Primary metric used for the L5.A summary table and the L5.E ranking. U₁ = √MSE / (√(1/N Σ y²) + √(1/N Σ ŷ²)). Bounded between 0 (perfect forecast) and 1 (worst possible). Theil’s original 1966 metric; less commonly used today than U2 because the denominator’s interpretation is less intuitive.

When to use

Long-run macro forecasting tradition; comparability with Theil-1966-era papers.

When NOT to use

Modern reporting – U2 is more interpretable as a ratio against the no-change benchmark.

References

  • macroforecast design Part 3, L5: ‘evaluation = (metric × benchmark × aggregation × decomposition × ranking).’

  • Theil (1966) ‘Applied Economic Forecasting’, North-Holland (Chapter 2: Inequality coefficients).

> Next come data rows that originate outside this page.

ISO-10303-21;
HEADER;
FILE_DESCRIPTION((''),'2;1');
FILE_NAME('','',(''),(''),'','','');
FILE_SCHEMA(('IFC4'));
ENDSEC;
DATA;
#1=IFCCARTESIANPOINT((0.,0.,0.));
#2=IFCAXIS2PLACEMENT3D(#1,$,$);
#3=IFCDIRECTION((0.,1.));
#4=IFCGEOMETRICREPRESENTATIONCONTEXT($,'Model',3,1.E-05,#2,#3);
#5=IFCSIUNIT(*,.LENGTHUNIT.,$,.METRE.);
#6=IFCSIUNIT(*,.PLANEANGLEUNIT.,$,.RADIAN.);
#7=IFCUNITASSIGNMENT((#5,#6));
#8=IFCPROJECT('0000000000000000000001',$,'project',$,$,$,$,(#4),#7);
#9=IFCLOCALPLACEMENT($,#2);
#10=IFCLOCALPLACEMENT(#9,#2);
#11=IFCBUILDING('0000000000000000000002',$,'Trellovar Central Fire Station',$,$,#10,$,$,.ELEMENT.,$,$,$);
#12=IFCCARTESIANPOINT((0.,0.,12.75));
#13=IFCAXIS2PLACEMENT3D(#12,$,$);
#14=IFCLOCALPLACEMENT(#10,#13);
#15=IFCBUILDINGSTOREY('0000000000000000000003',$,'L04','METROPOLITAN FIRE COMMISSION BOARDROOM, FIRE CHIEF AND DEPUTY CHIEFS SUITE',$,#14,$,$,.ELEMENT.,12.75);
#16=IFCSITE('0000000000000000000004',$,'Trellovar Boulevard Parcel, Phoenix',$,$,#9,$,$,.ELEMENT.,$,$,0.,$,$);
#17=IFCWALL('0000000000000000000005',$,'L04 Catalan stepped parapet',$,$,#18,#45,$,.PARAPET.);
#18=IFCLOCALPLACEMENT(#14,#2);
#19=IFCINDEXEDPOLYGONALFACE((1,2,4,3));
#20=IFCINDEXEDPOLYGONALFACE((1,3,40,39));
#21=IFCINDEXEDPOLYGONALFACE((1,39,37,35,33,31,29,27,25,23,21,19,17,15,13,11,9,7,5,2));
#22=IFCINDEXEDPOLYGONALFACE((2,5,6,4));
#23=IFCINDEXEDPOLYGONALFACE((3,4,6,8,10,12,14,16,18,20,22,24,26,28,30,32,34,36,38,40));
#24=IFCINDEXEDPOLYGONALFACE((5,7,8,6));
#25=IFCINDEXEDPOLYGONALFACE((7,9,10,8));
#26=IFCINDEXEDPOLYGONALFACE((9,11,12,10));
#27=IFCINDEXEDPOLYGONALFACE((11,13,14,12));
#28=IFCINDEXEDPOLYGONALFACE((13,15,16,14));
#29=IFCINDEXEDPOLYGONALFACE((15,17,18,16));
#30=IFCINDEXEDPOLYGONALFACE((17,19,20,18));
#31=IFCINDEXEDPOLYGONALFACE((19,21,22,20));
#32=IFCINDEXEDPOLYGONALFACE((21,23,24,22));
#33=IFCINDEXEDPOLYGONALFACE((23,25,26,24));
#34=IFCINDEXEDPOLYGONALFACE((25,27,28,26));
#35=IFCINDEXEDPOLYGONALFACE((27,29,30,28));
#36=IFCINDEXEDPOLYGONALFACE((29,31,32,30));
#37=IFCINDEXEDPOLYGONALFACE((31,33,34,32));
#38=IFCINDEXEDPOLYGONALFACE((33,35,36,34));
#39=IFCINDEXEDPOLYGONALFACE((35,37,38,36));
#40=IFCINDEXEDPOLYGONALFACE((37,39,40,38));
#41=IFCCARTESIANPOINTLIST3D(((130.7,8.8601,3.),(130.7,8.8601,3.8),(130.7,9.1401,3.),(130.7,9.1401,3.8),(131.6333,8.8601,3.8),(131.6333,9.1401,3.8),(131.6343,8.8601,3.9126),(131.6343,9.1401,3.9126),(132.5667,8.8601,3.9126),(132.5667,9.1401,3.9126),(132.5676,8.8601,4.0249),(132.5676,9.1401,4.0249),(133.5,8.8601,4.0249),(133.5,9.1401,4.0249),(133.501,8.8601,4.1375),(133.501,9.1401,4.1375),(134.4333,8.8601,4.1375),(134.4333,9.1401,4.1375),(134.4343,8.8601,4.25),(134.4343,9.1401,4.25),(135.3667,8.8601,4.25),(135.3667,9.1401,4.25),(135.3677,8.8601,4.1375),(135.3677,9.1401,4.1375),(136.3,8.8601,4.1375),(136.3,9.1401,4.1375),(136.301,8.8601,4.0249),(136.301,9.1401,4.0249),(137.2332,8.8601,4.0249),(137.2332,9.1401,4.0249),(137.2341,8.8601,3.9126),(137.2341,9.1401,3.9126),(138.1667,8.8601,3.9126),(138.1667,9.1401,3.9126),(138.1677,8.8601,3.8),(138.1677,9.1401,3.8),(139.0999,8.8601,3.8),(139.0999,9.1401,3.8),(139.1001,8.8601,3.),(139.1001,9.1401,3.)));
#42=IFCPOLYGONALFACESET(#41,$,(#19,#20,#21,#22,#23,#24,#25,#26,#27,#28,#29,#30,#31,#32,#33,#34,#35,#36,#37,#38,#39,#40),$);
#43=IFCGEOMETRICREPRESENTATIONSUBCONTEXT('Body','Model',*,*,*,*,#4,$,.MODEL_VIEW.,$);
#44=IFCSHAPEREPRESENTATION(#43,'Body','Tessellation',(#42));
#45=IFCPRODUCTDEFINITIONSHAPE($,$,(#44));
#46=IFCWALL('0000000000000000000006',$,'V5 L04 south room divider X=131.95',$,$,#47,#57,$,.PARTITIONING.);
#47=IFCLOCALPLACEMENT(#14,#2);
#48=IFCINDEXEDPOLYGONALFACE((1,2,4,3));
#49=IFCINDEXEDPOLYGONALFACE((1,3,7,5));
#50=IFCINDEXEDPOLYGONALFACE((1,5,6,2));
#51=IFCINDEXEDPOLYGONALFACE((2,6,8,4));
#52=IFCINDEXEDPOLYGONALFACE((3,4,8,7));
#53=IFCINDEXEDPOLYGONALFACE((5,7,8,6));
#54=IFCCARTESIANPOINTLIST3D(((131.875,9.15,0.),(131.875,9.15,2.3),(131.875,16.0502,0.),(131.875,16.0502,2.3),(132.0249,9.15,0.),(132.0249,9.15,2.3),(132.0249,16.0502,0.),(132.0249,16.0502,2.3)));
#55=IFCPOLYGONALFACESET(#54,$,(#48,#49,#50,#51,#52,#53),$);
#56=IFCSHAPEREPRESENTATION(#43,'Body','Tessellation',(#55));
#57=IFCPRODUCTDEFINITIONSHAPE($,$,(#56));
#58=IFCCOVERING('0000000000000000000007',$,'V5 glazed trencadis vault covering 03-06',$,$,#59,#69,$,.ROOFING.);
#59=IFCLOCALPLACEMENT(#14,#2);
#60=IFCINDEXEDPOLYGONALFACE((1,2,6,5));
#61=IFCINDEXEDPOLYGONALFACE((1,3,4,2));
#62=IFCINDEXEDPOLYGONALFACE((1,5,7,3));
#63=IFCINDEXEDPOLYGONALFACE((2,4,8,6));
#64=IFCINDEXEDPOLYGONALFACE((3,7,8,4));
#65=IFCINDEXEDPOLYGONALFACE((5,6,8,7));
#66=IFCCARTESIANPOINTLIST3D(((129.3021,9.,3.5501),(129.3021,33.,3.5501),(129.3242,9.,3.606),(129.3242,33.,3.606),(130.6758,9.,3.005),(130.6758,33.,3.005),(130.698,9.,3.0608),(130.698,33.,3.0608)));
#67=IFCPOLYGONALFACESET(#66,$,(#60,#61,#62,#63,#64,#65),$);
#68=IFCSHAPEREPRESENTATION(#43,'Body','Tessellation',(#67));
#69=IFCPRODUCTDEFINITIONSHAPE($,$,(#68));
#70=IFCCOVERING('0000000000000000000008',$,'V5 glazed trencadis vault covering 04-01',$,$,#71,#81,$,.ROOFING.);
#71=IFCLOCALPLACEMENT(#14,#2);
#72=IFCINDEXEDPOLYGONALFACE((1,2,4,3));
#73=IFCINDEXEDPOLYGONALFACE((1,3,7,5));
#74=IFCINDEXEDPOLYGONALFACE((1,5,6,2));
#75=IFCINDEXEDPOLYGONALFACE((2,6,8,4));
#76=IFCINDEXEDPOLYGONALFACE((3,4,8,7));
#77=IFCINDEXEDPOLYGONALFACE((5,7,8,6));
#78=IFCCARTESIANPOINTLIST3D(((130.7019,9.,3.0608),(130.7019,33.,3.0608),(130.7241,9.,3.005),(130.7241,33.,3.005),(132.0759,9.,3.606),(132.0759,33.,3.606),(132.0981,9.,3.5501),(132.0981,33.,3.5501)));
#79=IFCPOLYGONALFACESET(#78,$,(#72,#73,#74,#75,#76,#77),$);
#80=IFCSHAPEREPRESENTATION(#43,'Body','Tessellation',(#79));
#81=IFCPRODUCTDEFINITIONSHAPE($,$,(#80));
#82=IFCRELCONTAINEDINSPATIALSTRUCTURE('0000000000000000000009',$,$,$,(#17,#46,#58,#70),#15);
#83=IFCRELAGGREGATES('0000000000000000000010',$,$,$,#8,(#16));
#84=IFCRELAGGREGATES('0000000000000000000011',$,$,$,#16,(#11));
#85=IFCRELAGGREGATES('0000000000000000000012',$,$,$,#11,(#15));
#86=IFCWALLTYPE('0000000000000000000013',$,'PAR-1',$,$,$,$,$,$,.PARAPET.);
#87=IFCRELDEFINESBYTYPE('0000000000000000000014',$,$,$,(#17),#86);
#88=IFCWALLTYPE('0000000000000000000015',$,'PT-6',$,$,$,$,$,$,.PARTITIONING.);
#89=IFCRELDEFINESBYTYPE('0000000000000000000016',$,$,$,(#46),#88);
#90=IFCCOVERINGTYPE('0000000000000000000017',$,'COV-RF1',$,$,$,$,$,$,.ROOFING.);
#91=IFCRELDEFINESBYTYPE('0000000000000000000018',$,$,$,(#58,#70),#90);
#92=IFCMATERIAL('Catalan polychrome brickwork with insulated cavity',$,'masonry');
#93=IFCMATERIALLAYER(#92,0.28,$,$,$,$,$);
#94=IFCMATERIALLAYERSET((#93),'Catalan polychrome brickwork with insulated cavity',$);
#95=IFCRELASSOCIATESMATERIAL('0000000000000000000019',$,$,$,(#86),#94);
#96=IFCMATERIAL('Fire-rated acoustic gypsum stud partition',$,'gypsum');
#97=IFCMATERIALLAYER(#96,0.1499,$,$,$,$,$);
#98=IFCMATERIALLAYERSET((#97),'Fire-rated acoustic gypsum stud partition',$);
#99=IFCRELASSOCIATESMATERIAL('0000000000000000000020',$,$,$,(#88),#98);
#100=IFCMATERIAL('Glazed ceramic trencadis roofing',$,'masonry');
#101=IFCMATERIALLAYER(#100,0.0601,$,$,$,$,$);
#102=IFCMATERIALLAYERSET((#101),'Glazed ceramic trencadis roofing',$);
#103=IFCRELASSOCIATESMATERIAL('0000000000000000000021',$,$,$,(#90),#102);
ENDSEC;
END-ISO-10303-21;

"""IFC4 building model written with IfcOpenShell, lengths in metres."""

from ifc_helpers import new_model, si_unit, direction, frame, frame_2d, origin, place, context, subcontext, project, spatial, polyline, rectangle, outline, extrude, material, layer, layer_set, type_object, element, save


model = new_model("IFC4")

# Units and contexts
model_context = context("Model", 3, precision=1e-05, world=origin(), true_north=direction((0.0, 1.0)))
body_context = subcontext(model_context, "Body", "Model", "MODEL_VIEW")
ifc_project = project(units=[si_unit("LENGTHUNIT", "METRE"), si_unit("PLANEANGLEUNIT", "RADIAN")], contexts=[model_context])

# Site, building, storey
site_placement = place(None, origin())
site = spatial("IfcSite", under=ifc_project, at=site_placement, Name="Trellovar Boulevard Parcel, Phoenix", CompositionType="ELEMENT", RefElevation=0.0)
building_placement = place(site_placement, origin())
building = spatial("IfcBuilding", under=site, at=building_placement, Name="Trellovar Central Fire Station", CompositionType="ELEMENT")
storey_placement = place(building_placement, frame((0.0, 0.0, 12.75)))
storey = spatial("IfcBuildingStorey", under=building, at=storey_placement, Name="L04", Description="METROPOLITAN FIRE COMMISSION BOARDROOM, FIRE CHIEF AND DEPUTY CHIEFS SUITE", CompositionType="ELEMENT", Elevation=12.75)

# Walls
ifc_material_1 = material(Name="Catalan polychrome brickwork with insulated cavity", Category="masonry")
ifc_layer_1 = layer(ifc_material_1, 0.28)
ifc_layer_set_1 = layer_set([ifc_layer_1], Name="Catalan polychrome brickwork with insulated cavity")
wall_type_1 = type_object("IfcWallType", Name="PAR-1", PredefinedType="PARAPET", material=ifc_layer_set_1)
wall_1_placement = place(storey_placement, frame((130.7, 9.0, 3.0), z_axis=(0.0, 0.0, 1.0), x_axis=(1.0, 0.0, 0.0)))
element("IfcWall", 1, at=wall_1_placement, inside=storey, type_object=wall_type_1, Name="L04 Catalan stepped parapet", PredefinedType="PARAPET", context=body_context, shape_type="SweptSolid", body=[
    extrude(outline(polyline([(0.0, 0.0), (8.4001, 0.0), (8.3999, 0.8), (7.4678, 0.8), (7.4668, 0.9126), (6.5342, 0.9126), (6.5332, 1.0249), (5.6011, 1.0249), (5.6001, 1.1375), (4.6677, 1.1375), (4.6667, 1.25), (3.7344, 1.25), (3.7334, 1.1375), (2.801, 1.1375), (2.8, 1.0249), (1.8677, 1.0249), (1.8667, 0.9126), (0.9343, 0.9126), (0.9333, 0.8), (0.0, 0.8), (0.0, 0.0)])), frame((0.0, 0.1401, 0.0), z_axis=(0.0, -1.0, 0.0), x_axis=(1.0, 0.0, 0.0)), (0.0, 0.0, 1.0), 0.28),
])
ifc_material_2 = material(Name="Fire-rated acoustic gypsum stud partition", Category="gypsum")
ifc_layer_2 = layer(ifc_material_2, 0.1499)
ifc_layer_set_2 = layer_set([ifc_layer_2], Name="Fire-rated acoustic gypsum stud partition")
wall_type_2 = type_object("IfcWallType", Name="PT-6", PredefinedType="PARTITIONING", material=ifc_layer_set_2)
wall_2_placement = place(storey_placement, frame((131.95, 9.1499, 0.0), z_axis=(0.0, 0.0, 1.0), x_axis=(0.0, 1.0, 0.0)))
element("IfcWall", 2, at=wall_2_placement, inside=storey, type_object=wall_type_2, Name="V5 L04 south room divider X=131.95", PredefinedType="PARTITIONING", context=body_context, shape_type="SweptSolid", body=[
    extrude(rectangle(XDim=6.9001, YDim=0.1499, at=frame_2d((3.4502, 0.0))), origin(), (0.0, 0.0, 1.0), 2.3),
])

# Coverings
ifc_material_3 = material(Name="Glazed ceramic trencadis roofing", Category="masonry")
ifc_layer_3 = layer(ifc_material_3, 0.0601)
ifc_layer_set_3 = layer_set([ifc_layer_3], Name="Glazed ceramic trencadis roofing")
covering_type = type_object("IfcCoveringType", Name="COV-RF1", PredefinedType="ROOFING", material=ifc_layer_set_3)
covering_1_placement = place(storey_placement, frame((129.3242, 9.0, 3.606), z_axis=(0.368855, 0.0, 0.929487), x_axis=(0.929487, 0.0, -0.368855)))
element("IfcCovering", 3, at=covering_1_placement, inside=storey, type_object=covering_type, Name="V5 glazed trencadis vault covering 03-06", PredefinedType="ROOFING", context=body_context, shape_type="SweptSolid", body=[
    extrude(outline(polyline([(0.0, 0.0), (1.478, 0.0), (1.478, 24.0), (0.0, 24.0), (0.0, 0.0)])), origin(), (0.0, 0.0, -1.0), 0.0601),
])
covering_2_placement = place(storey_placement, frame((130.7019, 9.0, 3.0608), z_axis=(-0.368798, 0.0, 0.92951), x_axis=(0.92951, 0.0, 0.368798)))
element("IfcCovering", 4, at=covering_2_placement, inside=storey, type_object=covering_type, Name="V5 glazed trencadis vault covering 04-01", PredefinedType="ROOFING", context=body_context, shape_type="SweptSolid", body=[
    extrude(outline(polyline([(0.0, 0.0), (1.4782, 0.0), (1.4782, 24.0), (0.0, 24.0), (0.0, 0.0)])), origin(), (0.0, 0.0, -1.0), 0.0601),
])

save(model, "model.ifc")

Related options: mse, rmse, mae, medae

Last reviewed 2026-05-05 by macroforecast author.

theil_u2 – operational

Theil’s U2 inequality coefficient – ratio of forecast MSE to no-change MSE.

Primary metric used for the L5.A summary table and the L5.E ranking. U₂ = √(Σ (ŷ_t - y_t)² / Σ (y_{t-1} - y_t)²). U₂ < 1 means the forecast beats the random-walk benchmark. Standard sanity-check ratio in macro forecasting – if U₂ 1 the model is no better than ‘tomorrow looks like today’.

When to use

Sanity-checking against the random-walk benchmark; macro-forecasting tradition.

When NOT to use

When a custom benchmark (not random walk) is preferred – use relative_mse instead.

References

  • macroforecast design Part 3, L5: ‘evaluation = (metric × benchmark × aggregation × decomposition × ranking).’

  • Theil (1966) ‘Applied Economic Forecasting’, North-Holland (Chapter 2: Inequality coefficients).

Related options: mse, rmse, mae, medae

Last reviewed 2026-05-05 by macroforecast author.